Что только не писали про Рубинштейна современники: «замечательно простой» человек (Лев Толстой); «неистовый труженик, человек широкого ума, понимавший потребности времени, – жизнелюбец; добрейшая душа и вспыльчивый властелин, осторожный дипломат, бессребреник и азартный игрок», «идеальный по своей строгой требовательности администратор» (Александр Островский).

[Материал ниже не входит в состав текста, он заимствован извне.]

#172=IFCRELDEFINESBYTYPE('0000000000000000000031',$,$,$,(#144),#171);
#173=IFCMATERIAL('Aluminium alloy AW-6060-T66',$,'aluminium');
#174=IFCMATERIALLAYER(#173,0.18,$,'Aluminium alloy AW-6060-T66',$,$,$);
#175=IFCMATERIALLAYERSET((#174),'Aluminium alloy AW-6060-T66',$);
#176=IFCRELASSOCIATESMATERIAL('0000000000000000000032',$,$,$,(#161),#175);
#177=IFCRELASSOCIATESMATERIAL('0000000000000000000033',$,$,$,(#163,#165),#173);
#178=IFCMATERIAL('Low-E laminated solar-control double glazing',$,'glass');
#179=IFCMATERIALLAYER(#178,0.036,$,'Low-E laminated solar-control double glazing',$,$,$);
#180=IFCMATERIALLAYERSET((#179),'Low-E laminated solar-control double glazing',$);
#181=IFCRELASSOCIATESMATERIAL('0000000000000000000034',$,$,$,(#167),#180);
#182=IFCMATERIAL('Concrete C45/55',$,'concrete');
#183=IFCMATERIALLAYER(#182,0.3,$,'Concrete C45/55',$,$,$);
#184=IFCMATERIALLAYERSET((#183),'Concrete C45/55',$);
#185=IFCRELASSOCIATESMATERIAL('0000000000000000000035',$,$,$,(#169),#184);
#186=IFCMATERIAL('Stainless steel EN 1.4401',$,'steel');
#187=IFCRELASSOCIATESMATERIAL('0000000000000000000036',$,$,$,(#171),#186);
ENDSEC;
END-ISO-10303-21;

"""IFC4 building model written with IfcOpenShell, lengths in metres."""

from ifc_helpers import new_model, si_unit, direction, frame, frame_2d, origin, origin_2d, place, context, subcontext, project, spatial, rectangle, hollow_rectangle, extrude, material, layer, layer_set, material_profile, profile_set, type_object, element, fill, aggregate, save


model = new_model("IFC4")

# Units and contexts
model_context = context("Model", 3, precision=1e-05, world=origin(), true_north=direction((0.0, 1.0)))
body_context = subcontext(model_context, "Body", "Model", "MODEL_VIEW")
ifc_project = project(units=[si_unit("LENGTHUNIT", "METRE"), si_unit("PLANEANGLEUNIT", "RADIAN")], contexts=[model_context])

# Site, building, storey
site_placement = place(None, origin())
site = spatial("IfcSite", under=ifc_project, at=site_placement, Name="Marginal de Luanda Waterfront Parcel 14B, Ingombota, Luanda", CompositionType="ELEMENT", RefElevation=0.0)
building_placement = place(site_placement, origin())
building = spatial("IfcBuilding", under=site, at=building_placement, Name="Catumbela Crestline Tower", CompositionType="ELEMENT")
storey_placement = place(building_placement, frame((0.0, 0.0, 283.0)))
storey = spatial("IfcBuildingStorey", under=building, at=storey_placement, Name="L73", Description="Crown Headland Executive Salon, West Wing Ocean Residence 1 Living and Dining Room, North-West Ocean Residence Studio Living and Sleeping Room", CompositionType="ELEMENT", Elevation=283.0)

А Надежда фон Мекк отмечала: «Сыграть блестящим образом свой концерт, после чего задать широкую выпивку, наутро принимать дамские и всякие визиты и ухаживания – это его стихия, он в ней как рыба в воде, и поэтому он весел, не стареется нисколько и не спускается с апогея своего таланта, изящен, увлекателен, блестящ донельзя». К этому добавлялась огромная энергия, с которой он бросался на любое дело, отражавшаяся даже в его облике: «Коренастый блондин, среднего роста, с кудрявой (но подстриженной и гладко причесанной) головой, задумчивым взглядом и лицом, выражавшим непоколебимую энергию, – писал Модест Чайковский[13] и подчеркивал: – Что шло вразрез с его ленивой манерой произносить слова и приемами избалованного лентяя-барчука». А еще его образ дополняла неизменная любимая сигара – Николай Григорьевич курил непрестанно.
Рубинштейн не был аскетом, радости жизни были ему далеко не чужды: «Ничего нового в моем житье-бытье, здоров, много работаю, но не забываю также игру в карты, вино и женщин, ибо в ином случае был бы (по Лютеру) дураком», – признавался он матери за месяц до своей преждевременной кончины. Днем он умудрялся даже спать на ходу, ибо ночами было не до сна – их он проводил в Английском клубе за карточным столом, в ресторанах, у цыган. А утром вновь как огурчик в консерватории, повторяющий студентам свой любимый девиз: «Что делаешь – делай!»
Профессор консерватории Герман Ларош писал о Рубинштейне: «По высоте нравственного идеала, по чистоте замыслов, по отвращению (не только теоретическому) от житейской грязи он стоял наряду с “лишними” людьми, то есть с людьми, составлявшими по их внутреннему содержанию лучший цвет России. Но в то же время это был человек “нелишний”, человек, сумевший осуществить свой идеал в действительной жизни, человек, нашедший в энергии своего характера силы для борьбы со внешними условиями, среди которых чахли и глохли натуры менее могучие. В этом соединении качеств, которые мы привыкли считать взаимоисключающимися и которых антагонизм составляет наследственное несчастье русской культуры, заключается, по-моему, истинное величие Рубинштейна».